It is impossible to judge the amount of climbing simply from the elevation figures, which ranged from 5,000 to over 7,000 and varied up and down – only a day or two earlier, we’d been at sea level. Let’s just call it leg worthy.

True, there were the odd respites – like a 20-mile winding rise and falls on the way to Prescott that reminded me what cycling was all about – but mostly it was up. Up was the word of the day; the word of three days.

What goes up must come down – don’t tell NASA that – and the long steep descent from the summit of Mingus Mountain was our reward for the torture of climbing it. Not everyone felt that way. Nancy and Hank admitted fear of uncontrollably accelerating to warp speed, so rode in the van.

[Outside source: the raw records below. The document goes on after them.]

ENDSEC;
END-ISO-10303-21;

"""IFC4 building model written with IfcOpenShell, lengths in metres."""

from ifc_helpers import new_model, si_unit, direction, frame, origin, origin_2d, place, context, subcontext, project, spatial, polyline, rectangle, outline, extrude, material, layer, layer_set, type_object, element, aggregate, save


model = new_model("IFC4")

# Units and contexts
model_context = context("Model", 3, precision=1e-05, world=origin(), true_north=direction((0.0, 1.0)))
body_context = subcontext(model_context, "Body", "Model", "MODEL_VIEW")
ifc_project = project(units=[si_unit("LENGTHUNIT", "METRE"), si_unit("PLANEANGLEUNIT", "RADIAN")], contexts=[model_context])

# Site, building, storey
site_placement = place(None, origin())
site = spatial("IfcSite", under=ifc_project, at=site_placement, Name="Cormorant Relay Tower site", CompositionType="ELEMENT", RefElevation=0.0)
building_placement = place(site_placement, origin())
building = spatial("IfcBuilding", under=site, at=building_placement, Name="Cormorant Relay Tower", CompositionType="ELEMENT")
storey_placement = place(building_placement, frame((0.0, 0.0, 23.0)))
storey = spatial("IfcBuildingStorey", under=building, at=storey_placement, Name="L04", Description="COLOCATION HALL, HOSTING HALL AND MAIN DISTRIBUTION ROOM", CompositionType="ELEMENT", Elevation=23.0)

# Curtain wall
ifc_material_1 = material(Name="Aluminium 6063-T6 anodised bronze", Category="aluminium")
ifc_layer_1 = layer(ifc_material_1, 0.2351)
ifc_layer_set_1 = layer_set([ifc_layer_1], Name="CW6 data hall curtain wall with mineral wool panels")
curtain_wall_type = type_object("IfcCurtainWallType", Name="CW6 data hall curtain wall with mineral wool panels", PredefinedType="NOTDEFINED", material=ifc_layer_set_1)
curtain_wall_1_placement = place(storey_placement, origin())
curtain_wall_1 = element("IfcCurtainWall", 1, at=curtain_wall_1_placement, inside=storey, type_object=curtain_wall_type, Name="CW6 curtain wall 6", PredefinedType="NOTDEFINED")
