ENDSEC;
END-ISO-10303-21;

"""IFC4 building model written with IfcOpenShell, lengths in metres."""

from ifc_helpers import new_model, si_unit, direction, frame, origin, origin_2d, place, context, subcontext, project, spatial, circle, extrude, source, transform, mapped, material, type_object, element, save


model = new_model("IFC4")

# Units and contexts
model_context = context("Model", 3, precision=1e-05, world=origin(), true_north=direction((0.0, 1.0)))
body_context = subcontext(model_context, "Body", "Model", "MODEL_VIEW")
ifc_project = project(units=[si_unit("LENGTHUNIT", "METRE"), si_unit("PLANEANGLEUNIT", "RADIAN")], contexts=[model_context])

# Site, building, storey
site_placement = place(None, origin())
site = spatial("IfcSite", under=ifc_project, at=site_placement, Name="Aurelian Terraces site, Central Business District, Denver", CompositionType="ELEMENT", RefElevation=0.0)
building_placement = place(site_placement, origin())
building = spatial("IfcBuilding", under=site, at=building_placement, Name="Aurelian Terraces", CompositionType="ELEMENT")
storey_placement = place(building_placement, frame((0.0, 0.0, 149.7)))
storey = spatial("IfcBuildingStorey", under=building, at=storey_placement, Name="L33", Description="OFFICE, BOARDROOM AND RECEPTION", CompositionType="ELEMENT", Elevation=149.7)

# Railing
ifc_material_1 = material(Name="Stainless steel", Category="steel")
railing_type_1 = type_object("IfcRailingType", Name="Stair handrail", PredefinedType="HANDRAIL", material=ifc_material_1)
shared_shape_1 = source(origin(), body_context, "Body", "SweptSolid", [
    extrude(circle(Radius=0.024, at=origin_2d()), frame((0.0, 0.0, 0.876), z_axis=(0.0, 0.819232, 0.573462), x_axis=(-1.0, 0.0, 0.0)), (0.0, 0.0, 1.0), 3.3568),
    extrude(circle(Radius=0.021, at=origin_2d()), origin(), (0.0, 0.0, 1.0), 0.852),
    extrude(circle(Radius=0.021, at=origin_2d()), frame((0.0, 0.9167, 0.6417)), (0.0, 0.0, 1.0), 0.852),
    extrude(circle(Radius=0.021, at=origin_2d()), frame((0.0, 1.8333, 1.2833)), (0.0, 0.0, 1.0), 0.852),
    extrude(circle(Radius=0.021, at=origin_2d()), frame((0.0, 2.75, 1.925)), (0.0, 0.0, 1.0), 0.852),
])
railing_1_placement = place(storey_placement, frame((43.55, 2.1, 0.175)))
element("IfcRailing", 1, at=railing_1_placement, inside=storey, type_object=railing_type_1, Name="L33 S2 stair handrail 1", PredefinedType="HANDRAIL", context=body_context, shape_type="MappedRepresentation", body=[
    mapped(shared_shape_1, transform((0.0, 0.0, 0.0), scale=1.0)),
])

44 mph is the fastest I have ever traveled on a bike and that happened yesterday on the penultimate descent into Cottonwood. Bicycles may well be built to go at 44 mph as the lone cyclist who sped past me so fast he caused a Doppler color shift would agree, but I personally am not made to go 44 mph on a bike.

It’s shitingly terrifying to know that any road aberration – and there were plenty of rough spots – can send you somersaulting, end over bone-crunching end, until coming to a halt in a mass of shattered helmet, blood and internal organs. Your remains will then be crushed by a mobile home the size of the Staten Island ferry, driven by a hat-wearing fat tourist from Iowa.

At least an extra reward lay in store three-quarters of the way down in the form of the town of Jerome. Jerome was once famous as a gold mining community, but that was a long time ago and now it’s only famous for being famous – and has tee-shirts to prove it.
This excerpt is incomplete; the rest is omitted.